Think of vanilla ice cream. Who hates vanilla? It isn't flavorless, just... close. The trick is to start with vanilla and then add stuff, like chocolate chips for starters, or a warm brownie and some hot fudge, plus a little whipped cream and a cherry. Yum. Now you're getting somewhere.
Dumb brands vanilify.* They buy a popular treat from a small producer, and then strip it of flavor so it will have mass appeal. "Too spicy," they say. "Children and old folks won't like that." So they tone down the heat. "Those fresh ingredients are too expensive," they say, so they replace vine-ripened, uber-fragile fruit with frozen and sterile cardboard produce that ships and stores better and so is much less costly.
...And much less delicious. Then they market the heck out of it, and revenues soar - never realizing they're just trading one expense (best-in-class ingredients) with another (advertising).

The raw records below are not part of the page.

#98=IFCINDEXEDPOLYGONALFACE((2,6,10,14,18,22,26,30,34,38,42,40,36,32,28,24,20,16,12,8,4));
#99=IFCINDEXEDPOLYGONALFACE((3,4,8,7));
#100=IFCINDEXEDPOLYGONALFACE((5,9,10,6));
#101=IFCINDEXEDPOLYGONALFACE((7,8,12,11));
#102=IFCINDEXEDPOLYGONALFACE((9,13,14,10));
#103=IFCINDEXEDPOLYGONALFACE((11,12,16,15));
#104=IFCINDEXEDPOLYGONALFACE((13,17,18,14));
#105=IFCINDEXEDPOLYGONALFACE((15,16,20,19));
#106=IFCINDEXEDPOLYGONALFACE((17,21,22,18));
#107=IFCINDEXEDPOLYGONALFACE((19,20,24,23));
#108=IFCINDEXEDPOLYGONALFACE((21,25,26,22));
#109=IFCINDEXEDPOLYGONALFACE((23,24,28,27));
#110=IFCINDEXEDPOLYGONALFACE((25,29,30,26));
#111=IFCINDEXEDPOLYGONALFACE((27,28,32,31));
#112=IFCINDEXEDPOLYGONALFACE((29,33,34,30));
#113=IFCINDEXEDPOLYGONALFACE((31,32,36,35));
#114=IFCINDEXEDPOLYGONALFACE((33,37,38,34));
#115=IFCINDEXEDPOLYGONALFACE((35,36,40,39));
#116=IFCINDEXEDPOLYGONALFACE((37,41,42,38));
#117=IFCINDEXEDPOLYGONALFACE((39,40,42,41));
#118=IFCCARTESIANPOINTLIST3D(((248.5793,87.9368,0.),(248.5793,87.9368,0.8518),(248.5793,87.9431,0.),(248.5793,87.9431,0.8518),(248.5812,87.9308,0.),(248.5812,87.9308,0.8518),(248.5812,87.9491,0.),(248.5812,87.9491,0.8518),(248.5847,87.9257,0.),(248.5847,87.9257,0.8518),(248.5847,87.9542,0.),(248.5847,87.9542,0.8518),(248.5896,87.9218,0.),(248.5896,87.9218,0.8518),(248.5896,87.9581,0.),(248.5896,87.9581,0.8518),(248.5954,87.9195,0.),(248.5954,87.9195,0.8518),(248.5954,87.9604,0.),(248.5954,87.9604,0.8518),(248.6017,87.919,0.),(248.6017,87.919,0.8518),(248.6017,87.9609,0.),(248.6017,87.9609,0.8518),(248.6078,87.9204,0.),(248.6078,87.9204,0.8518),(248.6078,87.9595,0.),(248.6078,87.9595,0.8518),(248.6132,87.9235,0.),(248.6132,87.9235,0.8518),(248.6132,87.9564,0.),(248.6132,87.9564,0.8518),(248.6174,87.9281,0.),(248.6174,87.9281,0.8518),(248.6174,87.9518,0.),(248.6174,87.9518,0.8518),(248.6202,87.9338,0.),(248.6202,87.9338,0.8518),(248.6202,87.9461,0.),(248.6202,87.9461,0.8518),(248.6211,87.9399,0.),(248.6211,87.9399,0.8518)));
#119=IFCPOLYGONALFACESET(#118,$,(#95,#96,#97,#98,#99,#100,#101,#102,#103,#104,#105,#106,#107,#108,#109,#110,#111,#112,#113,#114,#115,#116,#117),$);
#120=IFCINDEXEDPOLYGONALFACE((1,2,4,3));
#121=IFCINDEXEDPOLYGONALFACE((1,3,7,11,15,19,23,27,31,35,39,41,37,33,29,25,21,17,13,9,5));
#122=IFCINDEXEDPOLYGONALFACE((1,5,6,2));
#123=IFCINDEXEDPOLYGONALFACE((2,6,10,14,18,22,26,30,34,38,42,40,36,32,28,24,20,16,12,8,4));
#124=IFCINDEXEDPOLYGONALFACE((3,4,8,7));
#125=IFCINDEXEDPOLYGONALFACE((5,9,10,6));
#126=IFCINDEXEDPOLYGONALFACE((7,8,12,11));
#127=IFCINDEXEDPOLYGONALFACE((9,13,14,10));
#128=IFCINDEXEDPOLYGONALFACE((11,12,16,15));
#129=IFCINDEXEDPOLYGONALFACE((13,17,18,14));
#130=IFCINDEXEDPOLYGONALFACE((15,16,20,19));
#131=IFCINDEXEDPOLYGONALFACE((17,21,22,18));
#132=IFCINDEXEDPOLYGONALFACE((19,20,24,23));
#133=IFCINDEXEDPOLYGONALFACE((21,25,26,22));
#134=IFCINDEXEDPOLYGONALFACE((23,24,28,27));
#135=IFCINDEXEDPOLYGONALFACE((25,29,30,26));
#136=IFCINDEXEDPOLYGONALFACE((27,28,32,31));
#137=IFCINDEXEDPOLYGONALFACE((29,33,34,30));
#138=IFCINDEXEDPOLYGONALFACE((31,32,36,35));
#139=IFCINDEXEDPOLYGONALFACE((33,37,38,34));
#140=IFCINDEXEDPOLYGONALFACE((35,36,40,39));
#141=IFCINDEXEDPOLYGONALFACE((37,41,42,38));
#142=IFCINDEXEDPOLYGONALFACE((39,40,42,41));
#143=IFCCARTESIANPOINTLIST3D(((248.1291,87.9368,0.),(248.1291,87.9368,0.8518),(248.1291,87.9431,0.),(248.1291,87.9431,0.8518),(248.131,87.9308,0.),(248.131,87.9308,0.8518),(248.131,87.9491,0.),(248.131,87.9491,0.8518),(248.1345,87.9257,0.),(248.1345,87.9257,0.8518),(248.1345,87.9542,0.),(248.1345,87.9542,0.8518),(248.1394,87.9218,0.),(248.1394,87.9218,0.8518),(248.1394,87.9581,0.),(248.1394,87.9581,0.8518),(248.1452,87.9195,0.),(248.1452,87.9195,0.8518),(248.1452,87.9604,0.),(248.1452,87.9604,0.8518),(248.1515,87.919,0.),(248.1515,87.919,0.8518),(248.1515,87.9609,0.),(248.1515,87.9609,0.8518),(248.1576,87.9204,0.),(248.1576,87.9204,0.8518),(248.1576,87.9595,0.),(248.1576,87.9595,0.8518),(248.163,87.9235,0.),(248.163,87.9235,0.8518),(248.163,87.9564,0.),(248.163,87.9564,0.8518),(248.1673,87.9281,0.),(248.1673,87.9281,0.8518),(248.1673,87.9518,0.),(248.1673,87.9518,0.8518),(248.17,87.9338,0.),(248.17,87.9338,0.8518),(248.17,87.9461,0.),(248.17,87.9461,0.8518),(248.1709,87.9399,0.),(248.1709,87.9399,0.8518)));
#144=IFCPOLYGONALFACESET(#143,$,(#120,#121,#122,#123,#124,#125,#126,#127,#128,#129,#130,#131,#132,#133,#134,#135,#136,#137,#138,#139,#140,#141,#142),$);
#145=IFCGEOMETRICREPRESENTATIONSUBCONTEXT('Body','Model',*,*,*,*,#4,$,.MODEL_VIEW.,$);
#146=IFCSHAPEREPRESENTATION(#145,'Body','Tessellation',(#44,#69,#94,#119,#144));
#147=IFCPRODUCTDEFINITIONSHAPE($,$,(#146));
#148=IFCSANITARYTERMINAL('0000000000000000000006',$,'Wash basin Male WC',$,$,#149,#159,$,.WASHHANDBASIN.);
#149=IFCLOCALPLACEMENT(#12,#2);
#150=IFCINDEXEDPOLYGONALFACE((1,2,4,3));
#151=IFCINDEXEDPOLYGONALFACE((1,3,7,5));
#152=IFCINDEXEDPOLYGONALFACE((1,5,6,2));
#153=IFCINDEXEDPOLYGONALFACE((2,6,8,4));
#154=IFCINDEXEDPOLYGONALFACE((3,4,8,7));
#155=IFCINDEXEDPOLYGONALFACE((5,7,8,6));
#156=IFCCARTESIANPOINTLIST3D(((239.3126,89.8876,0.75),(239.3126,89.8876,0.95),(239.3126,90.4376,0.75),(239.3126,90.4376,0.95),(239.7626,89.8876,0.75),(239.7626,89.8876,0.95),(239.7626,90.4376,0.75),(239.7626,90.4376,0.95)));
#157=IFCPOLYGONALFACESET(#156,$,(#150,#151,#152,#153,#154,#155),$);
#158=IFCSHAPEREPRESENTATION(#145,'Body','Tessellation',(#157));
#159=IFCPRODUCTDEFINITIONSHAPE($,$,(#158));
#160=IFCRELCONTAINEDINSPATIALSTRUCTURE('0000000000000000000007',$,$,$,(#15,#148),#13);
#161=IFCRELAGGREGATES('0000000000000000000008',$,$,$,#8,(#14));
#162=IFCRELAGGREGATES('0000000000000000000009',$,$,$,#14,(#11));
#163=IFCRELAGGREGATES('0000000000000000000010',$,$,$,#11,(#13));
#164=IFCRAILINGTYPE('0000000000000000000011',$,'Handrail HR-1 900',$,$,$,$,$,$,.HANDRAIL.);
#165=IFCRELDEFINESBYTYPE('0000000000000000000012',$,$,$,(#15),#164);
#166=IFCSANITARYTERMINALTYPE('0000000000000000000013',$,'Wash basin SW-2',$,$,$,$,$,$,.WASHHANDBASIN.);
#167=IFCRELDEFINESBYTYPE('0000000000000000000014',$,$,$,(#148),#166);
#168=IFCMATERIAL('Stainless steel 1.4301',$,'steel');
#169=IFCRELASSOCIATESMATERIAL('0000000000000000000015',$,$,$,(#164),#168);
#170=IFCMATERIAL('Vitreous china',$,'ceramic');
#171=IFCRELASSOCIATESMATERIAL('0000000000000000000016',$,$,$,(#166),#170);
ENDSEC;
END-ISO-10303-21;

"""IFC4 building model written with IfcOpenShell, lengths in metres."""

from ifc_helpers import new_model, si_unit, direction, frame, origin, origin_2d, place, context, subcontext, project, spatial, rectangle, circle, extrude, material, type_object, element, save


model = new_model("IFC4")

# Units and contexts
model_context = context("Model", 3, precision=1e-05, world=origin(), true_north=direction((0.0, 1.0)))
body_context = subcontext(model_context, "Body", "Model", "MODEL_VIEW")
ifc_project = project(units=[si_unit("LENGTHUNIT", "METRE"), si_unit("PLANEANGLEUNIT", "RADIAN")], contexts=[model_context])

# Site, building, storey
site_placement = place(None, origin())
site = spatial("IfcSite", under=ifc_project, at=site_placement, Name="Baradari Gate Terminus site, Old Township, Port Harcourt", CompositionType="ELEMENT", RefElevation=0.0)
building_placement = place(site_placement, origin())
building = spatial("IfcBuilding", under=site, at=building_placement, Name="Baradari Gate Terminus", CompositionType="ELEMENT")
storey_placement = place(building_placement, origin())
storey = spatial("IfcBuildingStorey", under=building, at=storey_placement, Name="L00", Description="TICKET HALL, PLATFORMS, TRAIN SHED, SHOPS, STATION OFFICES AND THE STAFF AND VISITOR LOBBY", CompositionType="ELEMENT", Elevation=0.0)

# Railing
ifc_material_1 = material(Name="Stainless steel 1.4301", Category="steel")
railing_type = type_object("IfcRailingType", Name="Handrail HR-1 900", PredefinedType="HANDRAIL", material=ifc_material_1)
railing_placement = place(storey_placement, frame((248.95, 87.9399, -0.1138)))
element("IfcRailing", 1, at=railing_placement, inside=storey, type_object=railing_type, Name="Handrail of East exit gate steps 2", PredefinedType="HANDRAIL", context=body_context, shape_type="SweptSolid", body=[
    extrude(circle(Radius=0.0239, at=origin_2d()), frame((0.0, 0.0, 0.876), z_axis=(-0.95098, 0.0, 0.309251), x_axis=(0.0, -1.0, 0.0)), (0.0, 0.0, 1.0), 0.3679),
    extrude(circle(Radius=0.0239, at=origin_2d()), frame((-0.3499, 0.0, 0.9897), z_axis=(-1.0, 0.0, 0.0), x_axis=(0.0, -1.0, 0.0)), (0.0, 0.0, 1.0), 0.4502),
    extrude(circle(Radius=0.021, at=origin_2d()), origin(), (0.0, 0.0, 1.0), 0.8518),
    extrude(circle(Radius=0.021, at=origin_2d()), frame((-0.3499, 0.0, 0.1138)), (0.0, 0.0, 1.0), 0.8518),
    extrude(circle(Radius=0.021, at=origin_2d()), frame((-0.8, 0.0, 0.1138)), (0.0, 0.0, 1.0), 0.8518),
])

Don't vanilify. Stand for something!
I see this in my own career just about constantly. It has become a running joke with my wife and me that I will alienate someone - and often more than just one someone - in each talk I give, no matter the group. I says it like I means it, and so I inadvertently step on toes. Now, I really do try to be gentle, and I hate hurting feelings. But when I'm talking to a audience of business owners and I mock the boss who hides in his office all day, sure enough, there will be just such a boss in the third row on the left. Or I pull out an example of a company that gives piss-poor service and, wouldn't you know it, someone's son is a vice president there. Oops. Sorry pal. But his bank really does suck, and you don't have to take it from me, because they just made a media company's ten worst list (again).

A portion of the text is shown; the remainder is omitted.